Dans son n° 30 (4 pluviôse-23 janvier), critiquant la loi du 22 nivôse relative aux émigrés, il disait : « Coblenz a ici son sénat ». Il était, pour ce mot, dénoncé, le 10 pluviôse (29 janvier), à la tribune de la Convention par Tallien qui reprochait en même temps à Fouché d’entretenir des relations avec lui. Ce fait, exact au fond, et d’autres de ce genre concernant soit Fréron, soit Tallien lui-même, ainsi que je l’ai signalé (fin du chap.

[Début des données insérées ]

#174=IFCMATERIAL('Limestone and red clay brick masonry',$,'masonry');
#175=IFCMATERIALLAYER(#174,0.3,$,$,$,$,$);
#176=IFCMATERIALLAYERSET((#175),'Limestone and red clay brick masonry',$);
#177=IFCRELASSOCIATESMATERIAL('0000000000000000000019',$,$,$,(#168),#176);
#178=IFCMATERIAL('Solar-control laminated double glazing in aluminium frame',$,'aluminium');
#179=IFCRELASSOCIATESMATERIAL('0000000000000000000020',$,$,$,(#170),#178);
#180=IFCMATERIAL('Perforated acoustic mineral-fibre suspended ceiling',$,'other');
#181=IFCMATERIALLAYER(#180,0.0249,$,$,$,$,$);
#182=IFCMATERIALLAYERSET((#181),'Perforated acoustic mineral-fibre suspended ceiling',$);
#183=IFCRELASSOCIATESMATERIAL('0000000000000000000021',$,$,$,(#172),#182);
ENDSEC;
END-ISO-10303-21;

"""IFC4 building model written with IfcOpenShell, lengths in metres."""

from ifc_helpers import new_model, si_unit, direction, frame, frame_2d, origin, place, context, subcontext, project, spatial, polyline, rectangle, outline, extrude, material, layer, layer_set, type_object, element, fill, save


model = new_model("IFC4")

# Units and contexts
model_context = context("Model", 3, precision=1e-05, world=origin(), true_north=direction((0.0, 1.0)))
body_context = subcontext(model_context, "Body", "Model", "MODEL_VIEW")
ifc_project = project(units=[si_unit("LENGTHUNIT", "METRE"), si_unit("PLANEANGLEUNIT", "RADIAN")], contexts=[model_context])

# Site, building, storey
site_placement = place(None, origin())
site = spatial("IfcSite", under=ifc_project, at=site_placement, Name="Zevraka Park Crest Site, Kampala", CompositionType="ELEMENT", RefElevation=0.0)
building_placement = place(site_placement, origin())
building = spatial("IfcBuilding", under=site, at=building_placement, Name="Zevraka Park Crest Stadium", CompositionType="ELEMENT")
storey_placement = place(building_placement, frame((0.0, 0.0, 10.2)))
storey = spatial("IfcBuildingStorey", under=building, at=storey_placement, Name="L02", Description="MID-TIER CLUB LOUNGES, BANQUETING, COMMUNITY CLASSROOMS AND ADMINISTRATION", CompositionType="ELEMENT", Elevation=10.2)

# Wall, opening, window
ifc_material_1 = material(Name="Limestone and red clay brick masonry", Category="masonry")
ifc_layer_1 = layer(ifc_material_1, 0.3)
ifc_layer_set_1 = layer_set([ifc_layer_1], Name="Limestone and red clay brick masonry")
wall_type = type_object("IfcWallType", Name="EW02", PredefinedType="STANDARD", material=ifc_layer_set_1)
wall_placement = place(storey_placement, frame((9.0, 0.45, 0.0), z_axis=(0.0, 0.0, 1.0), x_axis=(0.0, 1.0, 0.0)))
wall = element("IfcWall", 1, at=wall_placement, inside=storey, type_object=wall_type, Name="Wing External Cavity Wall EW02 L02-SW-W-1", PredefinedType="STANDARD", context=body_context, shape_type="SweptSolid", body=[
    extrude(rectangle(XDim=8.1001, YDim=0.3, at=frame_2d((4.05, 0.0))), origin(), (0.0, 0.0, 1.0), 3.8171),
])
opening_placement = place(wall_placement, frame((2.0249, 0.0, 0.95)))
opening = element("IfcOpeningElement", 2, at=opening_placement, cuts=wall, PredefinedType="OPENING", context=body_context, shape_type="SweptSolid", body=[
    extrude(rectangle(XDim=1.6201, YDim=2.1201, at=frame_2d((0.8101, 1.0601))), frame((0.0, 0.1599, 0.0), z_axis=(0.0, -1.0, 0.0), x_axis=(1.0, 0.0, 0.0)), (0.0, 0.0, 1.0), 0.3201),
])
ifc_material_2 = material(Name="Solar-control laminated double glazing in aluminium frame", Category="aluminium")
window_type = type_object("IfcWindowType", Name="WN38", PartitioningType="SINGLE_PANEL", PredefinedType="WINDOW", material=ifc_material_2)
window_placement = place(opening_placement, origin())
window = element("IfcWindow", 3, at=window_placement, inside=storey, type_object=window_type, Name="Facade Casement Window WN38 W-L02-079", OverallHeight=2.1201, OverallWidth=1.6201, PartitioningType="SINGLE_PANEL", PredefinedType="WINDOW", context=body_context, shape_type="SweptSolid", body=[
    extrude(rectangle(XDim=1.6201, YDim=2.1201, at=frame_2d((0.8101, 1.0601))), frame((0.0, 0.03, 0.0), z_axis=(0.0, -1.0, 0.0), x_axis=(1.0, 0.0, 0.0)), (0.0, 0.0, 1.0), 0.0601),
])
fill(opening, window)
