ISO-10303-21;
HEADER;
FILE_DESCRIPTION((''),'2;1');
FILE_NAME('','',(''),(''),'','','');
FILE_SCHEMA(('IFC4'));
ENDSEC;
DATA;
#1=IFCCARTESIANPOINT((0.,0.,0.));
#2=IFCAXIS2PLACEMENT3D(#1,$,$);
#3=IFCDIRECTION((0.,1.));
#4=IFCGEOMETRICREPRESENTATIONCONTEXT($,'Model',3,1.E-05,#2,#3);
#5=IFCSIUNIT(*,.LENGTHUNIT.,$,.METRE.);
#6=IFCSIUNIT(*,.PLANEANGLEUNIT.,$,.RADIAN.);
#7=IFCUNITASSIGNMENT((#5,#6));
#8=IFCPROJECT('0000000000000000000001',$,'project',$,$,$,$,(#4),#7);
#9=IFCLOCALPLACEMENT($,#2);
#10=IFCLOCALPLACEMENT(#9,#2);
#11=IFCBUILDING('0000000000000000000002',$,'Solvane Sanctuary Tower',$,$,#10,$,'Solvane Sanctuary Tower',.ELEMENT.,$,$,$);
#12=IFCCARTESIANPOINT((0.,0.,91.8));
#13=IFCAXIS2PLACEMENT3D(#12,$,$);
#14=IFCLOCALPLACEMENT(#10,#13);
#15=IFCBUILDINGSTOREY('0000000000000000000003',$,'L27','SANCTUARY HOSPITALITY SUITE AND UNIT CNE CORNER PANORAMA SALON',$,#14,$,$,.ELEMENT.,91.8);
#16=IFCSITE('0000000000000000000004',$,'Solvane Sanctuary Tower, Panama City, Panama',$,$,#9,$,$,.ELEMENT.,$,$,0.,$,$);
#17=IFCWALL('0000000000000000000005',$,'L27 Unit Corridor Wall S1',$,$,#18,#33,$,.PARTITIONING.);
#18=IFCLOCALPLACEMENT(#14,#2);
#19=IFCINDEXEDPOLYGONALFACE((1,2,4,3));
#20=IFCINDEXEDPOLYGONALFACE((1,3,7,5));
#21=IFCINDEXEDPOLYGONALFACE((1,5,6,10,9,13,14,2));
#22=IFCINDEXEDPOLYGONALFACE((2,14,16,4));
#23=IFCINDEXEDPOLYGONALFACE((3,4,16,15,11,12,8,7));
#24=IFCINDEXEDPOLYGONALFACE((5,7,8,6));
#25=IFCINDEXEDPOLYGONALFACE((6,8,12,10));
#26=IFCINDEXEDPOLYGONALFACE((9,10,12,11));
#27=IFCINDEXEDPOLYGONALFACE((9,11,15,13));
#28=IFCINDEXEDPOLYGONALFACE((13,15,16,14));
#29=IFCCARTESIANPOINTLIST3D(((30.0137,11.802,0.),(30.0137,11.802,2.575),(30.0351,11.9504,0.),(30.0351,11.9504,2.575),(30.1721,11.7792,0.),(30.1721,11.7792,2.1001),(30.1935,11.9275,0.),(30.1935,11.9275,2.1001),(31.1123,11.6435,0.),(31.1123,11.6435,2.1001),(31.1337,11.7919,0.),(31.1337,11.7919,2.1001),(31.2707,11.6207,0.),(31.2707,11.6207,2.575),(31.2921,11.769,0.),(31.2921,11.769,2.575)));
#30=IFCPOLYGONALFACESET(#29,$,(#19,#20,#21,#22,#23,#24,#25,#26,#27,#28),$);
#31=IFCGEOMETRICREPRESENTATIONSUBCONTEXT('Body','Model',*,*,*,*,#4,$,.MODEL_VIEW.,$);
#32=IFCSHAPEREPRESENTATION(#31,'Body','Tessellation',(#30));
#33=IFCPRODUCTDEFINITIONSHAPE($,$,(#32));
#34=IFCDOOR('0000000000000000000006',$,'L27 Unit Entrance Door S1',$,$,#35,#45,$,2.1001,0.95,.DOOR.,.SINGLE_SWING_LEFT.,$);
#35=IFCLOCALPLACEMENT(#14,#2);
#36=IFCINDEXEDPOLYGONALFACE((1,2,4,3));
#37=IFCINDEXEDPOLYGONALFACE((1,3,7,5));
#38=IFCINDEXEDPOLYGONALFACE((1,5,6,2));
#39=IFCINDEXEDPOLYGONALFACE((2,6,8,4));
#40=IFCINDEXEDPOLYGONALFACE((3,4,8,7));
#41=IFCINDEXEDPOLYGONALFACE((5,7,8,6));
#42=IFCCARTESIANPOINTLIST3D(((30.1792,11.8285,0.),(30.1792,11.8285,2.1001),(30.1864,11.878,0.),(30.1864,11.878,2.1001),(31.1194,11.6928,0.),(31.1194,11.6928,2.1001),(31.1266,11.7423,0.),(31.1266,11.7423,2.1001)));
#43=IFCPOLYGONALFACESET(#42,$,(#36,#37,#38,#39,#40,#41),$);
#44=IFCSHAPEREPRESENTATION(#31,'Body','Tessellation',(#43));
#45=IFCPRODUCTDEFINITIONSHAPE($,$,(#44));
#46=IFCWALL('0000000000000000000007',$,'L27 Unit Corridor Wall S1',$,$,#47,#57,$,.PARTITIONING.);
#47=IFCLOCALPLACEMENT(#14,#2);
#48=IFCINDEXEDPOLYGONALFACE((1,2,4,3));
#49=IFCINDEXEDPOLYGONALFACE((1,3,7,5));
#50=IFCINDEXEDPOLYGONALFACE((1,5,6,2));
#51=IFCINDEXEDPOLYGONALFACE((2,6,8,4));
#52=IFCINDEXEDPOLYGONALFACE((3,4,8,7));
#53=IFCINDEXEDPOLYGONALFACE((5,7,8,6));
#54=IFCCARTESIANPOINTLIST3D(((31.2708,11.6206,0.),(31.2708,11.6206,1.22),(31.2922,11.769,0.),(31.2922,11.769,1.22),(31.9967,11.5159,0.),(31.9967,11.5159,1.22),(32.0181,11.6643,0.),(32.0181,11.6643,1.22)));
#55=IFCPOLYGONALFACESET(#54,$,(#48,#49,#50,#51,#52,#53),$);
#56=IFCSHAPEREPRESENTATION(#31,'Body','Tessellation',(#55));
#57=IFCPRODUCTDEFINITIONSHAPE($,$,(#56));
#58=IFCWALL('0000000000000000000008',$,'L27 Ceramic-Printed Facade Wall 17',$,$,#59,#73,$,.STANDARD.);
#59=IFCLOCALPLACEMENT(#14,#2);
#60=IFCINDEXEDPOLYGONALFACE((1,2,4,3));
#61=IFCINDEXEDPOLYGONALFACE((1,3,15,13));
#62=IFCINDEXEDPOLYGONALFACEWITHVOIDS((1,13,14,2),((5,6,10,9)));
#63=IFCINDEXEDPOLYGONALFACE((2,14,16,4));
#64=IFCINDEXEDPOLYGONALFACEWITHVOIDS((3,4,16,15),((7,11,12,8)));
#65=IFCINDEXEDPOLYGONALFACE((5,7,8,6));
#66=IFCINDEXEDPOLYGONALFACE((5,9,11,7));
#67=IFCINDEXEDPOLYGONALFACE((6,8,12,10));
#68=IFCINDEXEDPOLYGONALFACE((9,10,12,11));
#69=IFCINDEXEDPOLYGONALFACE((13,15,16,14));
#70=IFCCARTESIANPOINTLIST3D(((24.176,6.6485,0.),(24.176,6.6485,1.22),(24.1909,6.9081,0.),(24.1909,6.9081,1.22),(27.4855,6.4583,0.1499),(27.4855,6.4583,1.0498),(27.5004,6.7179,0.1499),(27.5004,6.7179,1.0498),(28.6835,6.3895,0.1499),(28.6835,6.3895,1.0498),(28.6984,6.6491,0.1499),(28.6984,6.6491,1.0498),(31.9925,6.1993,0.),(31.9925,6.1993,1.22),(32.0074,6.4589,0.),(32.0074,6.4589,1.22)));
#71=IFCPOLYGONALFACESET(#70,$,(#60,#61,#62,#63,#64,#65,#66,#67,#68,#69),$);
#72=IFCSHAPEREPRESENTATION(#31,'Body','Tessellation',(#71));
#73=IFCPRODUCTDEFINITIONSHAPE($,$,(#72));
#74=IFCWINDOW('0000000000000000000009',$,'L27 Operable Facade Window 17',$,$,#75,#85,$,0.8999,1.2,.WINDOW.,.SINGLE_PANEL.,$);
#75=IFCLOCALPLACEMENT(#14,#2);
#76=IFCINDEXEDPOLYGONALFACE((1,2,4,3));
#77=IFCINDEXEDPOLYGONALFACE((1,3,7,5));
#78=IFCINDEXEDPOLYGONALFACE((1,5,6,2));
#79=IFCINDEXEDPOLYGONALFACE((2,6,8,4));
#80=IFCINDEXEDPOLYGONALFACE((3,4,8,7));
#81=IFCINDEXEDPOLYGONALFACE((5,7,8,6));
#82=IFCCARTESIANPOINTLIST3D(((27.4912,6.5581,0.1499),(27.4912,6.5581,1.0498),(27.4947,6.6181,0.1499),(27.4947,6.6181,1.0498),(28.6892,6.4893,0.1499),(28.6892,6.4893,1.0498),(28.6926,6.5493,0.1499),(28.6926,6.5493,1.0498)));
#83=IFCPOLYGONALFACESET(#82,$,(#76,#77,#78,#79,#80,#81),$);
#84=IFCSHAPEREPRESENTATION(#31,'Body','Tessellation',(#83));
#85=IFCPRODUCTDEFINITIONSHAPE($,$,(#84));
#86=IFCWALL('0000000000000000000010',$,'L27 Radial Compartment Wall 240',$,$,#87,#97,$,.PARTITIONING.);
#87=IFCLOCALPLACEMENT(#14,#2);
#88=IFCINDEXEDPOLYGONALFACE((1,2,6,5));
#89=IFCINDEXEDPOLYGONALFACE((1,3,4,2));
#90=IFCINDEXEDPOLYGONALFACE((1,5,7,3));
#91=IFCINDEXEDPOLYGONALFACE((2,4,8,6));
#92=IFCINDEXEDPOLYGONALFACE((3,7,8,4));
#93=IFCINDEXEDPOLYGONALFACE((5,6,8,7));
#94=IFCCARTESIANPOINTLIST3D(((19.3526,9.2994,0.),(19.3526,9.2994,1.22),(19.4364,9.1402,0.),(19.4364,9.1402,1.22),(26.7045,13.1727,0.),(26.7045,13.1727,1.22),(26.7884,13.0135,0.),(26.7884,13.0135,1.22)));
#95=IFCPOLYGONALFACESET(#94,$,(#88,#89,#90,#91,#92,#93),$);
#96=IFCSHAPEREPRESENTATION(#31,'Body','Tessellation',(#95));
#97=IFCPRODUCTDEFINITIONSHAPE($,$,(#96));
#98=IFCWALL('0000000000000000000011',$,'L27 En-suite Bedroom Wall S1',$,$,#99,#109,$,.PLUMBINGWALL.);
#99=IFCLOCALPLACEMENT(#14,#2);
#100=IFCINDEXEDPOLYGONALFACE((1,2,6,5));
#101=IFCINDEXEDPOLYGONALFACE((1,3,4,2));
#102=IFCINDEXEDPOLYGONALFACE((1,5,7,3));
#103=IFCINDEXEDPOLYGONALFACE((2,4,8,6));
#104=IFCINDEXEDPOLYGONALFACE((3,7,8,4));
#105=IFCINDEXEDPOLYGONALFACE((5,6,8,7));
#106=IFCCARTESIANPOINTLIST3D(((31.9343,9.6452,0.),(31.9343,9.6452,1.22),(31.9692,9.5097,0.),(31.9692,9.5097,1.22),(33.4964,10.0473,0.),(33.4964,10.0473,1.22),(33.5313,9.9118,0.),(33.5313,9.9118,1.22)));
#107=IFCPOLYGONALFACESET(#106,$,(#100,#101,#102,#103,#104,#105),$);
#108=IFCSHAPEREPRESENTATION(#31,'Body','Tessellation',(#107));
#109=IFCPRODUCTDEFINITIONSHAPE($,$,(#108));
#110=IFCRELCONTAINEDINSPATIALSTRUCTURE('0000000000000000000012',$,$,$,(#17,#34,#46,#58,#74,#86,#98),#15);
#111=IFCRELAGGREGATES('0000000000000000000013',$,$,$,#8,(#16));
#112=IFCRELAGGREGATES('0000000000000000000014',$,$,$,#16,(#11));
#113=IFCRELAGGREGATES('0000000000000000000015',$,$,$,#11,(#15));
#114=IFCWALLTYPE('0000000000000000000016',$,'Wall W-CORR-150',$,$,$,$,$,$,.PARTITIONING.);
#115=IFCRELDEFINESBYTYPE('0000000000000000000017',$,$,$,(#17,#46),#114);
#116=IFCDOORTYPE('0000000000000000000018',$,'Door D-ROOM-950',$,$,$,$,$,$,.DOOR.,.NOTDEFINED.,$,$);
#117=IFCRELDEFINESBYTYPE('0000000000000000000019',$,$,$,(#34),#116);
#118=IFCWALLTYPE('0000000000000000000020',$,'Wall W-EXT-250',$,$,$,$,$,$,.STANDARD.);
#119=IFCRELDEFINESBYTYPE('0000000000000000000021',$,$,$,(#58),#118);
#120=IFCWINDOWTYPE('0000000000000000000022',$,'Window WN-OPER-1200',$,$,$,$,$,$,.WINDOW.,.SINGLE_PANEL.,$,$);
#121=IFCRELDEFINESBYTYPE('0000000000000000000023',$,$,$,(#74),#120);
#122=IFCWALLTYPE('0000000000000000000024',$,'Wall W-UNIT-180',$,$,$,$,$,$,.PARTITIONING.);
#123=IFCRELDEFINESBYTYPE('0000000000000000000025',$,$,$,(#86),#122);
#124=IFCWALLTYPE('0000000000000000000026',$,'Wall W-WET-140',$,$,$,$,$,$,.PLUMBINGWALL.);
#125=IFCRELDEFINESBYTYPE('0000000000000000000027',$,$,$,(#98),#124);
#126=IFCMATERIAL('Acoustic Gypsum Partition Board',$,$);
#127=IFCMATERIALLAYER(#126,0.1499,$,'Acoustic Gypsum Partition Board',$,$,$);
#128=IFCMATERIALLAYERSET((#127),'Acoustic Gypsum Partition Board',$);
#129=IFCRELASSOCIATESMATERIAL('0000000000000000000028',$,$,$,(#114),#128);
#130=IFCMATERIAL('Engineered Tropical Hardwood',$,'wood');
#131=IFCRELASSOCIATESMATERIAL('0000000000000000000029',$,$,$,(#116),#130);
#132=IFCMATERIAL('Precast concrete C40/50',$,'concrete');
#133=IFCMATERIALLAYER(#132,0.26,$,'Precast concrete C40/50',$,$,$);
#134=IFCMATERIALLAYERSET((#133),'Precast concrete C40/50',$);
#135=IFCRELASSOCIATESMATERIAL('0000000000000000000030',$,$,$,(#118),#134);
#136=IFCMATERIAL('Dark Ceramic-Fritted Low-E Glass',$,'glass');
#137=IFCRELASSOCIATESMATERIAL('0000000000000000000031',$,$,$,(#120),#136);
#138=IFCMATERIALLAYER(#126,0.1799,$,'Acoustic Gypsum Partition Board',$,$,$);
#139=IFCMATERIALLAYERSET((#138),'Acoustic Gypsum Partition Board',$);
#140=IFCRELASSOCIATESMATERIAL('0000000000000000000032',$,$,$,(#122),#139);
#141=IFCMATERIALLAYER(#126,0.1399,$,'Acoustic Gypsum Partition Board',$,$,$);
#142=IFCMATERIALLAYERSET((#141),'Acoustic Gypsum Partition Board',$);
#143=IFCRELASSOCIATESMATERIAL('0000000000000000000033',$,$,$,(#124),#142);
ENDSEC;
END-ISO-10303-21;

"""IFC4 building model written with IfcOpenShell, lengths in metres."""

from ifc_helpers import new_model, si_unit, direction, frame, frame_2d, origin, place, context, subcontext, project, spatial, rectangle, extrude, material, layer, layer_set, type_object, element, fill, save


model = new_model("IFC4")

# Units and contexts
model_context = context("Model", 3, precision=1e-05, world=origin(), true_north=direction((0.0, 1.0)))
body_context = subcontext(model_context, "Body", "Model", "MODEL_VIEW")
ifc_project = project(units=[si_unit("LENGTHUNIT", "METRE"), si_unit("PLANEANGLEUNIT", "RADIAN")], contexts=[model_context])

# Site, building, storey
site_placement = place(None, origin())
site = spatial("IfcSite", under=ifc_project, at=site_placement, Name="Solvane Sanctuary Tower, Panama City, Panama", CompositionType="ELEMENT", RefElevation=0.0)
building_placement = place(site_placement, origin())
building = spatial("IfcBuilding", under=site, at=building_placement, Name="Solvane Sanctuary Tower", LongName="Solvane Sanctuary Tower", CompositionType="ELEMENT")
storey_placement = place(building_placement, frame((0.0, 0.0, 91.8)))
storey = spatial("IfcBuildingStorey", under=building, at=storey_placement, Name="L27", Description="SANCTUARY HOSPITALITY SUITE AND UNIT CNE CORNER PANORAMA SALON", CompositionType="ELEMENT", Elevation=91.8)

# Shared definitions
ifc_material_1 = material(Name="Acoustic Gypsum Partition Board")
ifc_layer_1 = layer(ifc_material_1, 0.1499, Name="Acoustic Gypsum Partition Board")
ifc_layer_set_1 = layer_set([ifc_layer_1], Name="Acoustic Gypsum Partition Board")
wall_type_1 = type_object("IfcWallType", Name="Wall W-CORR-150", PredefinedType="PARTITIONING", material=ifc_layer_set_1)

II), montrent Babeuf très naïf et s’illusionnant trop facilement sur certains hommes. Tallien arguait des épreuves « d’un ouvrage de Babeuf » corrigées par Fouché. L’auteur d’une étude récente (Fouché, par M. L. Madelin) qui exagère beaucoup les conséquences des relations de Fouché et de Babeuf, prétend à tort que cet ouvrage était la brochure contre Carrier, mentionnée au début même de ce chapitre, et il parle ensuite, sans en signaler la non publication, d’une brochure de Babeuf contre la Gironde, inspirée, dit-il, par Fouché. Il invoque (t. 1er, p. 185) le « propre aveu » de celui-ci ; or, l’aveu de Fouché, dans les paroles prononcées en réponse à Tallien, se rapporte uniquement — d’après la citation faite par M. Madelin lui-même à la page suivante — à une brochure non publiée contre la réintégration des Girondins ; c’est aussi ce qu’a déclaré Babeuf (n° 32 du Tribun du Peuple, p. 385), en donnant le titre de la brochure en question, Réfutation de tous les écrits dirigés contre le 31 mai, et en constatant à son tour qu’elle n’avait pas paru.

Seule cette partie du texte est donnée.